Bien que le travail dans ce scénario inclurait toujours une biopsie cutanée, il inclurait également plusieurs cultures des lésions cutanées pour les champignons, les bactéries et les virus de l’herpès, ainsi que d’autres cultures telles que celles du sang, de l’urine et du liquide céphalo-rachidien le cas échéant. L’autre possibilité, bien sûr, est que les lésions cutanées ne sont absolument pas liées aux problèmes médicaux sous-jacents du bébé.

Quelles sont les preuves ?

Ota, T, Hata, Y, Tanikawa, A, Amagai, M, Tanaka, M, Nishikawa, T. « Folliculite pustuleuse éosinophile: L’indométacine comme premier choix de traitement”. Clin Exp Dermatol. vol. 26. 2001. p. 179 à 81. (Un article relativement récent sur cette condition décrivant un traitement réussi avec la combinaison d’UVB à bande étroite et d’indométacine.)

Ofuji, S. « Folliculite pustuleuse éosinophile »” Dermatologie.. vol. 174. 1987. p. 3 à 56. (Ceci est une revue historique de la folliculite pustuleuse éosinophile, également connue sous le nom de maladie d’Ofuji, par l’auteur pour qui la maladie sera plus tard nommée.)

Vicente, J, Espana, A, Idoate, M. « La folliculite pustuleuse éosinophile de l’enfance et l’acropustulose infantile sont-elles la même entité?”. Br J Dermatol. vol. 135. 1996. p. 807 à 9. (Ces auteurs affirment que l’acropustulose infantile et la folliculite pustuleuse éosinophile de l’enfance sont la même condition. Ils fondent leur argument sur les faits selon lesquels les deux conditions se présentent sous forme de pustules stériles pendant la petite enfance. Cependant, un point contre eux est que les lésions d’acropustulose sont remplies de neutrophiles prédominants par opposition aux éosinophiles.)

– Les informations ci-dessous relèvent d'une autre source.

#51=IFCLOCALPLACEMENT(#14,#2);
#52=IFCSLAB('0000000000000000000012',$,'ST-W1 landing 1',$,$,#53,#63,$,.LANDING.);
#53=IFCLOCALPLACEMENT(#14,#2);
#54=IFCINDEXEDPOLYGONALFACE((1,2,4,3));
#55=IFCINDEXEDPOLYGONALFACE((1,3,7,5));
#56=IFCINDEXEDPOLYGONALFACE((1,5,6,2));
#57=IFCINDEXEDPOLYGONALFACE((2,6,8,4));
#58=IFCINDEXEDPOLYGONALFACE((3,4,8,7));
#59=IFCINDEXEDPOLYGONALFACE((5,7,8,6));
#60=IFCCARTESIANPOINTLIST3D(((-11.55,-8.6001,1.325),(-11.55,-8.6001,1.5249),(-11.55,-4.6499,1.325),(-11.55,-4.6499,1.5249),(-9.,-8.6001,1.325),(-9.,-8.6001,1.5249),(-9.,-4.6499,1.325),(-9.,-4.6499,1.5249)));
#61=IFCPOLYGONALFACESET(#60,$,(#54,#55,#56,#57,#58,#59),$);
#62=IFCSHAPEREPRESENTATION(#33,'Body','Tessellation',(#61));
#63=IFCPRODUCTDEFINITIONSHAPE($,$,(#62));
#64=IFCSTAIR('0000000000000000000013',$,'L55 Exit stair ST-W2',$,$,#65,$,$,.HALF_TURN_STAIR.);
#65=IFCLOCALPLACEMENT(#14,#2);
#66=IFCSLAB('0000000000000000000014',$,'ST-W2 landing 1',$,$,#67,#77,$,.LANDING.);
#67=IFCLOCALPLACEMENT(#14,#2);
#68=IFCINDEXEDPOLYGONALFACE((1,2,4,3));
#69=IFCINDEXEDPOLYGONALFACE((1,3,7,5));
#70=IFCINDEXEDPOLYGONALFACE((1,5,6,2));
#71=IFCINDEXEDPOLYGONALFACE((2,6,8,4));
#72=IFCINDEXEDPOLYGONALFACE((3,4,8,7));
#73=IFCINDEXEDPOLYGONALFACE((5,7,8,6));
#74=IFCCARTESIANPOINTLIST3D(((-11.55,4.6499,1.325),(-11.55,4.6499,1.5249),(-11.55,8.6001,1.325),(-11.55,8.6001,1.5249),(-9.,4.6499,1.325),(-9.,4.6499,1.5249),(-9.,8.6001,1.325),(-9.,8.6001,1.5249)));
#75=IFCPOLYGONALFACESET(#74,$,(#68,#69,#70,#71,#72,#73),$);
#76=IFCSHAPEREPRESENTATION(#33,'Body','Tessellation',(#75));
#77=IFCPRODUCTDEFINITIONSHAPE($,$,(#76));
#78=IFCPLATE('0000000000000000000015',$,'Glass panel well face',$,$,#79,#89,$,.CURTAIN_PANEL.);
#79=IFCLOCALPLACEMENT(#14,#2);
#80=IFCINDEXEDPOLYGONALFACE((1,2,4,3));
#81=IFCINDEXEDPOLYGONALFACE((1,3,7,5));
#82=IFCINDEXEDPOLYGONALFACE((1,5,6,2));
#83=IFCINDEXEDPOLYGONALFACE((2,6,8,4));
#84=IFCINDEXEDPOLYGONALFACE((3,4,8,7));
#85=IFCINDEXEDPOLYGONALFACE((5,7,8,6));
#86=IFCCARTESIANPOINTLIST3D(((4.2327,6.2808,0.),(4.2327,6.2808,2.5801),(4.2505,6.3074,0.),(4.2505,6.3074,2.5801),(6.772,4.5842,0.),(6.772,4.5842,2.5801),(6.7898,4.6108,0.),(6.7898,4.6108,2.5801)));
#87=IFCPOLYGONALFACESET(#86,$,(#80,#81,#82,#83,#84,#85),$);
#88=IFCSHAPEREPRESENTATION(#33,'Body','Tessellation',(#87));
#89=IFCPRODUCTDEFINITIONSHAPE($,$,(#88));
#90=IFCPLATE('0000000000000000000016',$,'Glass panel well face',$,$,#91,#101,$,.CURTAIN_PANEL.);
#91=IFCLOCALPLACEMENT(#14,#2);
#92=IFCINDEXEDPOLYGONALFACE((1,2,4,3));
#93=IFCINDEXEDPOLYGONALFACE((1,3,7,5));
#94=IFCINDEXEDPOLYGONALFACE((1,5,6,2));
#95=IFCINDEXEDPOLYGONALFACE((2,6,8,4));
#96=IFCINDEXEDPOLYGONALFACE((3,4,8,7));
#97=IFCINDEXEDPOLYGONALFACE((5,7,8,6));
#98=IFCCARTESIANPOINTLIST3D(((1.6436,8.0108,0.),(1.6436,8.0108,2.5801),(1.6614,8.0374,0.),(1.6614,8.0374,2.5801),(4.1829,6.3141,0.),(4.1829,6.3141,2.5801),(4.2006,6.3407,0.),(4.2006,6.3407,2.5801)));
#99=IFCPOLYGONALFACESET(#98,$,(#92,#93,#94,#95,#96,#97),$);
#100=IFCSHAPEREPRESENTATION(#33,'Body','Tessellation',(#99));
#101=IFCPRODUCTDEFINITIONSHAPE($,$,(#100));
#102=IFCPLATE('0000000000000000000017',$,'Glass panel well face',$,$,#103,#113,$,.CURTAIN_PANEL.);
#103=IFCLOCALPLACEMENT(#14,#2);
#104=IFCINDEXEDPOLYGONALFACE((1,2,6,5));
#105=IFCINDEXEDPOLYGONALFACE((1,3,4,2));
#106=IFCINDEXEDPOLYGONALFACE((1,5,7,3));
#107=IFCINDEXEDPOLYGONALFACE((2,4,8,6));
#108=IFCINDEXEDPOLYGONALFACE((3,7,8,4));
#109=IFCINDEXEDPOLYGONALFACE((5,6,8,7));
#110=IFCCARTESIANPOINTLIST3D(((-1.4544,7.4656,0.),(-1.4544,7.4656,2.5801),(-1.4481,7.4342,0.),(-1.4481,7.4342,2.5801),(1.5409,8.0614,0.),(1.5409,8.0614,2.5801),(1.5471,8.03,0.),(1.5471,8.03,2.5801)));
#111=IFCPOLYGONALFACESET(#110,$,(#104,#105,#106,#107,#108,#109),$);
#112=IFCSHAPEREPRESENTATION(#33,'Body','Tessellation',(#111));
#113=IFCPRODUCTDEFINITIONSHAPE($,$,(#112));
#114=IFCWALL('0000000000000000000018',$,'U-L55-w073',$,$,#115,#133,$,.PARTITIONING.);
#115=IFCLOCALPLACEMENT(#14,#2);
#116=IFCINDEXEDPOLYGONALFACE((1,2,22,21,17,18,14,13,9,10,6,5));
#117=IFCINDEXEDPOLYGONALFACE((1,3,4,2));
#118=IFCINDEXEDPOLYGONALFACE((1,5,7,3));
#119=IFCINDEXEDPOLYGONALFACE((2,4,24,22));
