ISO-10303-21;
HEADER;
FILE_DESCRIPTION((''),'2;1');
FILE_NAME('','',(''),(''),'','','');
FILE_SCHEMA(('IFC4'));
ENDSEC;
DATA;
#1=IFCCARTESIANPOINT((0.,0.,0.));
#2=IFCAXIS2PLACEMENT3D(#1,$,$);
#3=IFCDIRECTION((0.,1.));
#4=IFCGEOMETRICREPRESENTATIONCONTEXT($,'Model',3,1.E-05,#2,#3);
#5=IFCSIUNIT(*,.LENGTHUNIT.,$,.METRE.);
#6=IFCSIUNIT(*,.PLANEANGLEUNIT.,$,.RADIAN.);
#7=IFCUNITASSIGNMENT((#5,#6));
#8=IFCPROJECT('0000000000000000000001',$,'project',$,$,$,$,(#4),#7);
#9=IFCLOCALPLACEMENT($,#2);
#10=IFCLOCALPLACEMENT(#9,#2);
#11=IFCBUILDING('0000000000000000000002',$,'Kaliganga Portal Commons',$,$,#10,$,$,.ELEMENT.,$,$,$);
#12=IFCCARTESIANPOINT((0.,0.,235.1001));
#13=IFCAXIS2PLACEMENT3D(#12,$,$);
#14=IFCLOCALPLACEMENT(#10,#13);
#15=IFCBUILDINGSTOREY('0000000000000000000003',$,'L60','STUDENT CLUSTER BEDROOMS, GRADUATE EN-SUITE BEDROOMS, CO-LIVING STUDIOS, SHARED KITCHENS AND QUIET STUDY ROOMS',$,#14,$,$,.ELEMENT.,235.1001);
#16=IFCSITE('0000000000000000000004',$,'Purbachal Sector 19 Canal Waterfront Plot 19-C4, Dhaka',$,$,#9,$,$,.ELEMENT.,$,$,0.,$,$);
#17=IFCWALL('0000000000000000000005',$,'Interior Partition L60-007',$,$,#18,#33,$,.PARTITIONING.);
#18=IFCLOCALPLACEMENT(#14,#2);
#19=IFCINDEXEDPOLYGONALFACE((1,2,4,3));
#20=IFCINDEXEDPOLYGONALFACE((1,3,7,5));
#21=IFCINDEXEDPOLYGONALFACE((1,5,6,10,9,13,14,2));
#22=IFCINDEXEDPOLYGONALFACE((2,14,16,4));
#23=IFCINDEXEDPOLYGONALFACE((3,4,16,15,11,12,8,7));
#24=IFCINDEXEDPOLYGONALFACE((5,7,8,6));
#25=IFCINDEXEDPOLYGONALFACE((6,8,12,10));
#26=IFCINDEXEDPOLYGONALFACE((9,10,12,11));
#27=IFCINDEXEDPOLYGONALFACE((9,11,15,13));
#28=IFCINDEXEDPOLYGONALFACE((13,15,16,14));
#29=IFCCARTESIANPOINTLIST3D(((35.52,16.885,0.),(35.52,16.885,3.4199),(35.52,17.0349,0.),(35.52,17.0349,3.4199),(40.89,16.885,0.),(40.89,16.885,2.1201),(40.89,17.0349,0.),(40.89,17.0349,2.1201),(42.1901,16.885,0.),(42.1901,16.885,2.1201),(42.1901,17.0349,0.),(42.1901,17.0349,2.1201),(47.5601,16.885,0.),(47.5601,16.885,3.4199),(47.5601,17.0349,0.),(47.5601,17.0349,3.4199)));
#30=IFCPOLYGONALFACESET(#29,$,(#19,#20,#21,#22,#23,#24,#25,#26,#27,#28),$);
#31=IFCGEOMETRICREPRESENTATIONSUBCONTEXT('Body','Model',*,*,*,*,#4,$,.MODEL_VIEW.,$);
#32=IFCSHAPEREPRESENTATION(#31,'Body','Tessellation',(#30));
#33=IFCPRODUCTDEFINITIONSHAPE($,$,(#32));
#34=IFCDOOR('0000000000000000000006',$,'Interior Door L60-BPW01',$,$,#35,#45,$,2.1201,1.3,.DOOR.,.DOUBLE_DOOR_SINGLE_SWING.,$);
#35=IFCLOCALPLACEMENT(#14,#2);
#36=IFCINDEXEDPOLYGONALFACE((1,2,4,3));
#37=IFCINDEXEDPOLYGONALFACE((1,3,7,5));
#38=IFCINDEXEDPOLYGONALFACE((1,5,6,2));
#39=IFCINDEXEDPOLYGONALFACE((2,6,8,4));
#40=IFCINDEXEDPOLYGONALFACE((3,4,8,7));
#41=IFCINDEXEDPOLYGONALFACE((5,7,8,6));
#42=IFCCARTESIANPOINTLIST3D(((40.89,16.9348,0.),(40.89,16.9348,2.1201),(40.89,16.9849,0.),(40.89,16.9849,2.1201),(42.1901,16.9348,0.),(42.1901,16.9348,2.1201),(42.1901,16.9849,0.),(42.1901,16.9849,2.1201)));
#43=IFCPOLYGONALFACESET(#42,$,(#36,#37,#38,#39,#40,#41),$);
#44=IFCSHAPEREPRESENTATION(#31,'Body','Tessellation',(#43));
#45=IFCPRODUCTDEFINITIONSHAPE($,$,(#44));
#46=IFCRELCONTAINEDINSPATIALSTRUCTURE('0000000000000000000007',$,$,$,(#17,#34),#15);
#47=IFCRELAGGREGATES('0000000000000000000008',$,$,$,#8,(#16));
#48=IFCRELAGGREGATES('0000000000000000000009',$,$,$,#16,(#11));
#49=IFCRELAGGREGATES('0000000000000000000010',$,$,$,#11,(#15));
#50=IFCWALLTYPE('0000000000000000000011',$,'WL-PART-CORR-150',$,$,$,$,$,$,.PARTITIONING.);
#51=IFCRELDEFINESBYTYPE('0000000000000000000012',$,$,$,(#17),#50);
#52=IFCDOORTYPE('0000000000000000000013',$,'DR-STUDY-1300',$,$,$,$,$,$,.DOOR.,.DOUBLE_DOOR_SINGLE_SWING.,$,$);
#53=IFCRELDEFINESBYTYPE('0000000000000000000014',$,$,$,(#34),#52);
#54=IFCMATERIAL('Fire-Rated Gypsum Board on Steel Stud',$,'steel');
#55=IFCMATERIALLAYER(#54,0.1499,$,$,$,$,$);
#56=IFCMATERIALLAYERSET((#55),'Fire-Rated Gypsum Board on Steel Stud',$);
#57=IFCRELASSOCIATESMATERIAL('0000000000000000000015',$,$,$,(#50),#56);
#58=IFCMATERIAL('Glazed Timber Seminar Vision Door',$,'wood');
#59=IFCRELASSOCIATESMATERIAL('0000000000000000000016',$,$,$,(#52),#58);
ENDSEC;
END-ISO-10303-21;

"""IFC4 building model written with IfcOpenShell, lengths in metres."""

from ifc_helpers import new_model, si_unit, direction, frame, frame_2d, origin, place, context, subcontext, project, spatial, rectangle, extrude, material, layer, layer_set, type_object, element, fill, save


model = new_model("IFC4")

# Units and contexts
model_context = context("Model", 3, precision=1e-05, world=origin(), true_north=direction((0.0, 1.0)))
body_context = subcontext(model_context, "Body", "Model", "MODEL_VIEW")
ifc_project = project(units=[si_unit("LENGTHUNIT", "METRE"), si_unit("PLANEANGLEUNIT", "RADIAN")], contexts=[model_context])

# Site, building, storey
site_placement = place(None, origin())
site = spatial("IfcSite", under=ifc_project, at=site_placement, Name="Purbachal Sector 19 Canal Waterfront Plot 19-C4, Dhaka", CompositionType="ELEMENT", RefElevation=0.0)
building_placement = place(site_placement, origin())
building = spatial("IfcBuilding", under=site, at=building_placement, Name="Kaliganga Portal Commons", CompositionType="ELEMENT")
storey_placement = place(building_placement, frame((0.0, 0.0, 235.1001)))
storey = spatial("IfcBuildingStorey", under=building, at=storey_placement, Name="L60", Description="STUDENT CLUSTER BEDROOMS, GRADUATE EN-SUITE BEDROOMS, CO-LIVING STUDIOS, SHARED KITCHENS AND QUIET STUDY ROOMS", CompositionType="ELEMENT", Elevation=235.1001)

# Wall, opening, door
ifc_material_1 = material(Name="Fire-Rated Gypsum Board on Steel Stud", Category="steel")
ifc_layer_1 = layer(ifc_material_1, 0.1499)
ifc_layer_set_1 = layer_set([ifc_layer_1], Name="Fire-Rated Gypsum Board on Steel Stud")
wall_type_1 = type_object("IfcWallType", Name="WL-PART-CORR-150", PredefinedType="PARTITIONING", material=ifc_layer_set_1)
wall_1_placement = place(storey_placement, frame((35.52, 16.96, 0.0), z_axis=(0.0, 0.0, 1.0), x_axis=(1.0, 0.0, 0.0)))
wall_1 = element("IfcWall", 1, at=wall_1_placement, inside=storey, type_object=wall_type_1, Name="Interior Partition L60-007", PredefinedType="PARTITIONING", context=body_context, shape_type="SweptSolid", body=[
    extrude(rectangle(XDim=12.04, YDim=0.1499, at=frame_2d((6.02, 0.0))), origin(), (0.0, 0.0, 1.0), 3.4199),
])
opening_1_placement = place(wall_1_placement, frame((5.3701, 0.0, 0.0)))
opening_1 = element("IfcOpeningElement", 2, at=opening_1_placement, cuts=wall_1, PredefinedType="OPENING", context=body_context, shape_type="SweptSolid", body=[
    extrude(rectangle(XDim=1.3, YDim=2.1201, at=frame_2d((0.6499, 1.0601))), frame((0.0, 0.085, 0.0), z_axis=(0.0, -1.0, 0.0), x_axis=(1.0, 0.0, 0.0)), (0.0, 0.0, 1.0), 0.1699),
])
ifc_material_2 = material(Name="Glazed Timber Seminar Vision Door", Category="wood")
door_type = type_object("IfcDoorType", Name="DR-STUDY-1300", OperationType="DOUBLE_DOOR_SINGLE_SWING", PredefinedType="DOOR", material=ifc_material_2)
door_placement = place(opening_1_placement, origin())
door = element("IfcDoor", 3, at=door_placement, inside=storey, type_object=door_type, Name="Interior Door L60-BPW01", OperationType="DOUBLE_DOOR_SINGLE_SWING", OverallHeight=2.1201, OverallWidth=1.3, PredefinedType="DOOR", context=body_context, shape_type="SweptSolid", body=[
    extrude(rectangle(XDim=1.3, YDim=2.1201, at=frame_2d((0.6499, 1.0601))), frame((0.0, 0.0249, 0.0), z_axis=(0.0, -1.0, 0.0), x_axis=(1.0, 0.0, 0.0)), (0.0, 0.0, 1.0), 0.05),
])
fill(opening_1, door)

save(model, "model.ifc")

Buckley, DA, Munn, SE, Higgins, EM. « Folliculite pustuleuse éosinophile néonatale”. Clin Exp Dermatol. vol. 26. 2001. p. 251 à 55. (Un rapport de cas de cette affection survenant à un très jeune âge.)

Giard, F, Marcoux, D, McCuaig, C. « Folliculite pustuleuse éosinophile (maladie d’Ofuji) dans l’enfance: examen de quatre cas”. Pediatr Dermatol. vol. 8. 1991. p. 189 à 93. (Un autre examen historique de quatre cas de polliculite pustuleuse éosinophile dans l’enfance.)

Fearfield, LA, Rowe, A, Francis, N. « Folliculite irritante et infection par le virus de l’immunodéficience humaine: Caractéristiques clinicopathologiques et immunologiques, pathogenèse et traitement”. Br J Derm. vol. 141. 1999. p. 3 à 11. (Un article de revue traitant de la folliculite éosionphilique chez le VIH. Les auteurs affirment qu’il s’agit d’une maladie des glandes sébacées où prédominent les éosinophiles et les lymphocytes CD8+. Ils suggèrent / proposent que la folliculite éosinophile associée au VIH est une maladie auto-immune avec le sébocyte ou un composant du sébocyte comme autoantigène.)